Current Work: University of Washington & Pacific Northwest Seismic Network (Postdoctoral Scholar, 2025-)
I recently began as a postdoctoral scholar at the University of Washington under the supervision of Renate Hartog, in association with the Pacific Northwest Seismic Network (PNSN). I will be working on performance evaluation and development of an algorithm called GFAST, which is the component of the ShakeAlert earthquake early warning system which utilizes Global Navigation Satellite System (GNSS) data to determine the magnitudes of very large earthquakes.
University of Oregon (PhD, 2019-2024)
I pursued my PhD at the University of Oregon with Diego Melgar in his large earthquake science group. My dissertation focused on potential methods for improving how quickly and accurately we can characterize earthquakes as they occur, as well as immediately following them. I explored how we could use non-traditional data (a.k.a., data not from seismometers) used for Earth monitoring, as well as modern data processing and analysis techniques (such as machine learning), to improve the capabilities of the systems we rely on for earthquake disaster response.
One of my projects explored the question of how early earthquakes are distinguishable by magnitude using borehole strainmeters, where we found that earthquakes do not appear to be strongly deterministic (i.e., large earthquakes are not inherently different from small earthquakes in their beginning stages). This has implications for how long it takes to accurately determine the magnitude of an earthquake, particularly for large events which rupture over longer periods of time. A manuscript about this work is currently in preparation.
I also developed a machine learning algorithm aimed at improving the performance of earthquake early warning systems during large earthquakes. GNSS data is extremely useful for this purpose, as the displacements they record during earthquakes do not saturate at large magnitudes – but they are very noisy. My algorithm allows for discrimination between noisy GNSS waveforms which do actually contain seismic waves from earthquakes and those which do not, which can enable a reduction in the amount of high-noise/low quality data that enters algorithms which determine the magnitude of such earthquakes. I am also currently preparing a manuscript about this work.

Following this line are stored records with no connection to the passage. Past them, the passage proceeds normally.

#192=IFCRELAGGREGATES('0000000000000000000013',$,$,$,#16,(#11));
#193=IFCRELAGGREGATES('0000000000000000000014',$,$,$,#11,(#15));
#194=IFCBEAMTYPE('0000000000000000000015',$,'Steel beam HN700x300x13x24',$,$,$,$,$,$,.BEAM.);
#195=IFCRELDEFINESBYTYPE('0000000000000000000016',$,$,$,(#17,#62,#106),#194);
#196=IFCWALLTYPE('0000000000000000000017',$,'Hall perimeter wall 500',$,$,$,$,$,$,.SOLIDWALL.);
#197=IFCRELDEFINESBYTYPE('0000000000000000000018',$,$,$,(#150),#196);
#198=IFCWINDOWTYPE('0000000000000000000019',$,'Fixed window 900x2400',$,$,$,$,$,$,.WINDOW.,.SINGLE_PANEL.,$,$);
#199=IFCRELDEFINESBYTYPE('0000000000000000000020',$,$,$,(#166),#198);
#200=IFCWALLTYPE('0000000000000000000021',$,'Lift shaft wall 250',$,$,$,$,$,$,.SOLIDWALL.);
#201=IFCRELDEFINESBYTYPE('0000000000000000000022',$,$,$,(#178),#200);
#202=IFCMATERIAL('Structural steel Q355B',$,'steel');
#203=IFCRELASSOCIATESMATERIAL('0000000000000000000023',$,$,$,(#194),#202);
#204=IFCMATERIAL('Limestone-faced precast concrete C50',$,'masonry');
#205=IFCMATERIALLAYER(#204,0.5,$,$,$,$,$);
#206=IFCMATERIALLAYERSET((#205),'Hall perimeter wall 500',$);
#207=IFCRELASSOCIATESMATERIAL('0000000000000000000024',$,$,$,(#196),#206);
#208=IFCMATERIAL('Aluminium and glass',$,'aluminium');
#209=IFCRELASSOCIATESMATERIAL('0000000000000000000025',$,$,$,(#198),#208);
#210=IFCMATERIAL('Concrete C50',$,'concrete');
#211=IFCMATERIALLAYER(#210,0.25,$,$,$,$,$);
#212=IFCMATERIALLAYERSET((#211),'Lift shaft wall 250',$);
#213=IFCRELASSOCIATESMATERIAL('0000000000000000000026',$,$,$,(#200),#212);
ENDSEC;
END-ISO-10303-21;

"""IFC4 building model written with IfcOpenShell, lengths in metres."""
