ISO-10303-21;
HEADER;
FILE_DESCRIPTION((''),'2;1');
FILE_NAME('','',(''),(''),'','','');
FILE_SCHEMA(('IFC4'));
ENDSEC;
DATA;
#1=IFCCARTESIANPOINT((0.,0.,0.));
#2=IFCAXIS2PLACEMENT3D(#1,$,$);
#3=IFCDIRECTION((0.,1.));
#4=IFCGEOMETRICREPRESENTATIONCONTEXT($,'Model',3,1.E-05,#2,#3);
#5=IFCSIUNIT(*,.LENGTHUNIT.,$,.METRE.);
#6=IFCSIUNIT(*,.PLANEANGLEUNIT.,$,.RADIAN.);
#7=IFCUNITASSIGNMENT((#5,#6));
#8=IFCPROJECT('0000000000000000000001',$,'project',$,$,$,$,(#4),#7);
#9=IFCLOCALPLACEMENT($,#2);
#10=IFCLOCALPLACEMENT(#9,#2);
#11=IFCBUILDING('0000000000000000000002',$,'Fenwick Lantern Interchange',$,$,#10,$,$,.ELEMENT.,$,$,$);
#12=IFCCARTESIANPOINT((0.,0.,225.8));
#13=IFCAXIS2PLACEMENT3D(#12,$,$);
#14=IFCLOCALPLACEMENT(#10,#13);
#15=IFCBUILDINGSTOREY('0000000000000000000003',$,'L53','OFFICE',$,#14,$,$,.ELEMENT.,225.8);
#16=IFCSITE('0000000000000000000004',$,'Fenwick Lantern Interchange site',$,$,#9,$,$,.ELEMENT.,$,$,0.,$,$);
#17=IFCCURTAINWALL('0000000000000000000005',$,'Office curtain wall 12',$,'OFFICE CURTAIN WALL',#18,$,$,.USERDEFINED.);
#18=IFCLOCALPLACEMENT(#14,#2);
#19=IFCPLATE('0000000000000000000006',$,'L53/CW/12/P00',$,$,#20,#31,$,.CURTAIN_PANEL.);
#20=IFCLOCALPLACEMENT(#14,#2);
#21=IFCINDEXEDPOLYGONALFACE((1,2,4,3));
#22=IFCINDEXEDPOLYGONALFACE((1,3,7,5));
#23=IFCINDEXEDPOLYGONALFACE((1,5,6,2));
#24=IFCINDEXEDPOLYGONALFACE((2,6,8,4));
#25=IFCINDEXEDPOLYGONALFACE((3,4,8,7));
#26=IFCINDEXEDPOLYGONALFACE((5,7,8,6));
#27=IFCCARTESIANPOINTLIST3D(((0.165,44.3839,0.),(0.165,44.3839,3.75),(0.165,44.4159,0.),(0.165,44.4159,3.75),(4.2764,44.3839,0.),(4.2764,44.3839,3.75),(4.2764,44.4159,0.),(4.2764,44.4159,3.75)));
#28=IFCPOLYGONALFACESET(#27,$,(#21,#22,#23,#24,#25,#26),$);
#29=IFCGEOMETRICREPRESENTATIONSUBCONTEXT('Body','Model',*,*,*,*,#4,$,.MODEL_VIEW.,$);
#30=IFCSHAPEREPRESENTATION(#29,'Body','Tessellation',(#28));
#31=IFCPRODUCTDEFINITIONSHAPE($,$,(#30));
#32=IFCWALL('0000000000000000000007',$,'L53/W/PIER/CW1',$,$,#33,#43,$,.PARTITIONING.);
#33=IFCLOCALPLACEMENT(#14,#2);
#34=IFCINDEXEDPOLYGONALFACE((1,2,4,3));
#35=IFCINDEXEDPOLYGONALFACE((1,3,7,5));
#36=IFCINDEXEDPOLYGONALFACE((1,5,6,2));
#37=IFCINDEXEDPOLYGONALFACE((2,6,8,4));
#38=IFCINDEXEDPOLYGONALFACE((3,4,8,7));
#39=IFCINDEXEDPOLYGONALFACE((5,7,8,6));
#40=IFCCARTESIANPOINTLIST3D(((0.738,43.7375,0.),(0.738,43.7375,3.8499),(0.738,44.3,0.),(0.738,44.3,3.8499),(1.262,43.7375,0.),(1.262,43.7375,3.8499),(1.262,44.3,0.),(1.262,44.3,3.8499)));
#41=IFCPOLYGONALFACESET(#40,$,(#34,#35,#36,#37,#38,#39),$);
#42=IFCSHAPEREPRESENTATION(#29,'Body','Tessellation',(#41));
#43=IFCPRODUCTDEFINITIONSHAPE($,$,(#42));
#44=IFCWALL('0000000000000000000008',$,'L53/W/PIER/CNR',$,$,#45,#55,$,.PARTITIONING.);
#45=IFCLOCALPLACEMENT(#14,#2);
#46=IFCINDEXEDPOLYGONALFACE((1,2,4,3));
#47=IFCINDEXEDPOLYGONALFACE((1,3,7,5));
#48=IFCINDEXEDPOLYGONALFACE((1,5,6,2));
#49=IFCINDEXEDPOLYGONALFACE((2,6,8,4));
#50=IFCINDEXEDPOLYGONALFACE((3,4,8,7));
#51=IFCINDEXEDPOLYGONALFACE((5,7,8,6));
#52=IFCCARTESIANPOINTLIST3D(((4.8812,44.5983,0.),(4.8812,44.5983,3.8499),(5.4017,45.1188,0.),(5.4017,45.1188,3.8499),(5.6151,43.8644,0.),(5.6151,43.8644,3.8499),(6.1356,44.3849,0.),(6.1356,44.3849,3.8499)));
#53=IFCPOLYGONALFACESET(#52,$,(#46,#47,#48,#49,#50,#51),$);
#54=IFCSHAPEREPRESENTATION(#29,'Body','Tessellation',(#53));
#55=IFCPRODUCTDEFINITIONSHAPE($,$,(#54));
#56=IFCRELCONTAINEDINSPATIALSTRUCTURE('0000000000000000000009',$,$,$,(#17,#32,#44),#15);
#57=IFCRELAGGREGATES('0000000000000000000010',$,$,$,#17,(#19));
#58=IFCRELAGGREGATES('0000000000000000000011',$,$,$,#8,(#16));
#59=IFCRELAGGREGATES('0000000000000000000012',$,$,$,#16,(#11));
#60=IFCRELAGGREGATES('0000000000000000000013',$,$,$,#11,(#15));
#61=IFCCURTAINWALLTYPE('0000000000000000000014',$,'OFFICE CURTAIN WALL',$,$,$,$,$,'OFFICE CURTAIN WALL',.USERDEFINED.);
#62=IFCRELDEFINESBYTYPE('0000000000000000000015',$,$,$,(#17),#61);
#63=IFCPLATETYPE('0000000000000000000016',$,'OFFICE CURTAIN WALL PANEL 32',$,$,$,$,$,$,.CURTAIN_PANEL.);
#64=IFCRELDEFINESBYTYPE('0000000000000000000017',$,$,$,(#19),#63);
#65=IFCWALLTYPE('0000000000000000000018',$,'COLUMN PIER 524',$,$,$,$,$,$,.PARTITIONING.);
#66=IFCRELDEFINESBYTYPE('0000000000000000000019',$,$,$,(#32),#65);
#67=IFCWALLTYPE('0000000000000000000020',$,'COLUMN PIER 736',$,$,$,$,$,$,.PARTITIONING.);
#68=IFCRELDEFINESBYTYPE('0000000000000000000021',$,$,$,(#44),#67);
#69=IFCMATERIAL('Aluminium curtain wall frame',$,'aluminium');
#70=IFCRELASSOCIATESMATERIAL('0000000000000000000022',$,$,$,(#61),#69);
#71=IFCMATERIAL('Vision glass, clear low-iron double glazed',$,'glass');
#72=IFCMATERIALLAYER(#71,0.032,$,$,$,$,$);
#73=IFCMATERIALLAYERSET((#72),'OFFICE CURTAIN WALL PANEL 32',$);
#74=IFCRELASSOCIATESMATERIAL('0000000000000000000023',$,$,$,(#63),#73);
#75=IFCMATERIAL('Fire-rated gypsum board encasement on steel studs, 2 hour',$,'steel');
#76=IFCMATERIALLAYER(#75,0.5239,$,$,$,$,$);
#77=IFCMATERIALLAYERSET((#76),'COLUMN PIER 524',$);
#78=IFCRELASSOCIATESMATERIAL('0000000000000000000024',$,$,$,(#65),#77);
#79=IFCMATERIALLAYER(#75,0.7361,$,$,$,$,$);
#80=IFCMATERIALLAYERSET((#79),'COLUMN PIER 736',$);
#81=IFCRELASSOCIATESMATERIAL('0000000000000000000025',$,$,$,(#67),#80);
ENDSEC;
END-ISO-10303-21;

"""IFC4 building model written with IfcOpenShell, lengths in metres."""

from ifc_helpers import new_model, si_unit, direction, frame, frame_2d, origin, origin_2d, place, context, subcontext, project, spatial, rectangle, extrude, material, layer, layer_set, type_object, element, aggregate, save


model = new_model("IFC4")

# Units and contexts
model_context = context("Model", 3, precision=1e-05, world=origin(), true_north=direction((0.0, 1.0)))
body_context = subcontext(model_context, "Body", "Model", "MODEL_VIEW")
ifc_project = project(units=[si_unit("LENGTHUNIT", "METRE"), si_unit("PLANEANGLEUNIT", "RADIAN")], contexts=[model_context])

# Site, building, storey
site_placement = place(None, origin())
site = spatial("IfcSite", under=ifc_project, at=site_placement, Name="Fenwick Lantern Interchange site", CompositionType="ELEMENT", RefElevation=0.0)
building_placement = place(site_placement, origin())
building = spatial("IfcBuilding", under=site, at=building_placement, Name="Fenwick Lantern Interchange", CompositionType="ELEMENT")
storey_placement = place(building_placement, frame((0.0, 0.0, 225.8)))
storey = spatial("IfcBuildingStorey", under=building, at=storey_placement, Name="L53", Description="OFFICE", CompositionType="ELEMENT", Elevation=225.8)

# Shared definitions
ifc_material_1 = material(Name="Aluminium curtain wall frame", Category="aluminium")
curtain_wall_type = type_object("IfcCurtainWallType", Name="OFFICE CURTAIN WALL", ElementType="OFFICE CURTAIN WALL", PredefinedType="USERDEFINED", material=ifc_material_1)

# Curtain wall
curtain_wall_1_placement = place(storey_placement, origin())
curtain_wall_1 = element("IfcCurtainWall", 1, at=curtain_wall_1_placement, inside=storey, type_object=curtain_wall_type, Name="Office curtain wall 12", ObjectType="OFFICE CURTAIN WALL", PredefinedType="USERDEFINED")

# Plate
ifc_material_2 = material(Name="Vision glass, clear low-iron double glazed", Category="glass")
ifc_layer_1 = layer(ifc_material_2, 0.032)
ifc_layer_set_1 = layer_set([ifc_layer_1], Name="OFFICE CURTAIN WALL PANEL 32")
plate_type = type_object("IfcPlateType", Name="OFFICE CURTAIN WALL PANEL 32", PredefinedType="CURTAIN_PANEL", material=ifc_layer_set_1)
plate_1_placement = place(storey_placement, frame((2.2207, 44.3999, 0.0), z_axis=(0.0, 0.0, 1.0), x_axis=(-1.0, 0.0, 0.0)))
plate_1 = element("IfcPlate", 2, at=plate_1_placement, type_object=plate_type, Name="L53/CW/12/P00", PredefinedType="CURTAIN_PANEL", context=body_context, shape_type="SweptSolid", body=[
    extrude(rectangle(XDim=4.1113, YDim=0.032, at=origin_2d()), origin(), (0.0, 0.0, 1.0), 3.75),
])
aggregate(curtain_wall_1, [plate_1])

# Walls
ifc_material_3 = material(Name="Fire-rated gypsum board encasement on steel studs, 2 hour", Category="steel")
ifc_layer_2 = layer(ifc_material_3, 0.5239)
ifc_layer_set_2 = layer_set([ifc_layer_2], Name="COLUMN PIER 524")
wall_type_1 = type_object("IfcWallType", Name="COLUMN PIER 524", PredefinedType="PARTITIONING", material=ifc_layer_set_2)
wall_1_placement = place(storey_placement, frame((1.0, 44.3, 0.0), z_axis=(0.0, 0.0, 1.0), x_axis=(0.0, -1.0, 0.0)))
element("IfcWall", 3, at=wall_1_placement, inside=storey, type_object=wall_type_1, Name="L53/W/PIER/CW1", PredefinedType="PARTITIONING", context=body_context, shape_type="SweptSolid", body=[
    extrude(rectangle(XDim=0.5625, YDim=0.5239, at=frame_2d((0.2812, 0.0))), origin(), (0.0, 0.0, 1.0), 3.8499),
])
ifc_layer_3 = layer(ifc_material_3, 0.7361)
ifc_layer_set_3 = layer_set([ifc_layer_3], Name="COLUMN PIER 736")
wall_type_2 = type_object("IfcWallType", Name="COLUMN PIER 736", PredefinedType="PARTITIONING", material=ifc_layer_set_3)
wall_2_placement = place(storey_placement, frame((5.1414, 44.8586, 0.0), z_axis=(0.0, 0.0, 1.0), x_axis=(0.707107, -0.707107, 0.0)))
element("IfcWall", 4, at=wall_2_placement, inside=storey, type_object=wall_type_2, Name="L53/W/PIER/CNR", PredefinedType="PARTITIONING", context=body_context, shape_type="SweptSolid", body=[
    extrude(rectangle(XDim=1.0378, YDim=0.7361, at=frame_2d((0.519, 0.0))), origin(), (0.0, 0.0, 1.0), 3.8499),
])

save(model, "model.ifc")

2022 USGS NEIC Pathways Internship
During the summer of 2022, I worked with Will Yeck and Hank Cole at the National Earthquake Information Center (NEIC) in Golden, Colorado. We used a dataset called MLAAPDE (pronounced “millipede”) to train a global machine learning model for rapid earthquake magnitude characterization. MLAAPDE contains data from the NEIC’s Preliminary Determination of Epicenters catalog, and is specifically designed to facilitate research with machine learning methods. Our model, AIMag, allows for rapid estimation of single-station earthquake magnitudes using raw three-component P-waveforms observed at local to teleseismic distances, independent of prior size or location information. It was published in the Bulletin of the Seismological Society of America (BSSA) in January 2024.
2018 IRIS Internship
Over the summer of 2018, I worked at the USGS’s Albuquerque Seismological Laboratory in New Mexico as an IRIS intern with Adam Ringler on a project about the characteristics and spatial variability of wind noise recorded by broadband seismometers. (This program is now called the EarthScope RESESS internship.) The results of this research were presented as a poster at the 2018 AGU Fall Meeting, and were published in BSSA in March 2019. A link to my poster can be found on my Publications, Recorded Talks, & Posters page.
Washington University in St. Louis (B.A., 2015-2019)
As an undergraduate student, I worked with Jill Pasteris in her Raman spectroscopy lab analyzing a variety of minerals in a variety of settings, but primarily revolved around the mineral apatite. My main work was on an NSF project that investigated how to control lead corrosion in pipes that carry drinking water, which is what caused the health catastrophe in Flint, Michigan. Using a Raman microprobe, I analyzed scales on the insides of used lead pipes to try and identify the different mineral phases that had precipitated. Dr. Pasteris presented a poster including some of this work at the 2018 Goldschmidt Conference, which can also be found on my Publications, Recorded Talks, & Posters page.
2014 Discovery Corps Research Internship
As a high school student employed at the Pacific Science Center in Seattle, I had the opportunity over a summer to work with Julianna Simon at the University of Washington. I participated in a NASA project about using medical ultrasound to detect and treat kidney stones in astronauts, where I investigated what ultrasonic frequencies and stone surface types caused an artifact called “twinkling” to appear. At the end of the summer, I presented a poster and hands-on activity about sound waves at the Pacific Science Center to visitors, and the following year, Dr. Simon presented a poster including some of this work at the 2015 NASA Human Research Program Investigators’ Workshop. You can also find it on my Publications, Recorded Talks, & Posters page.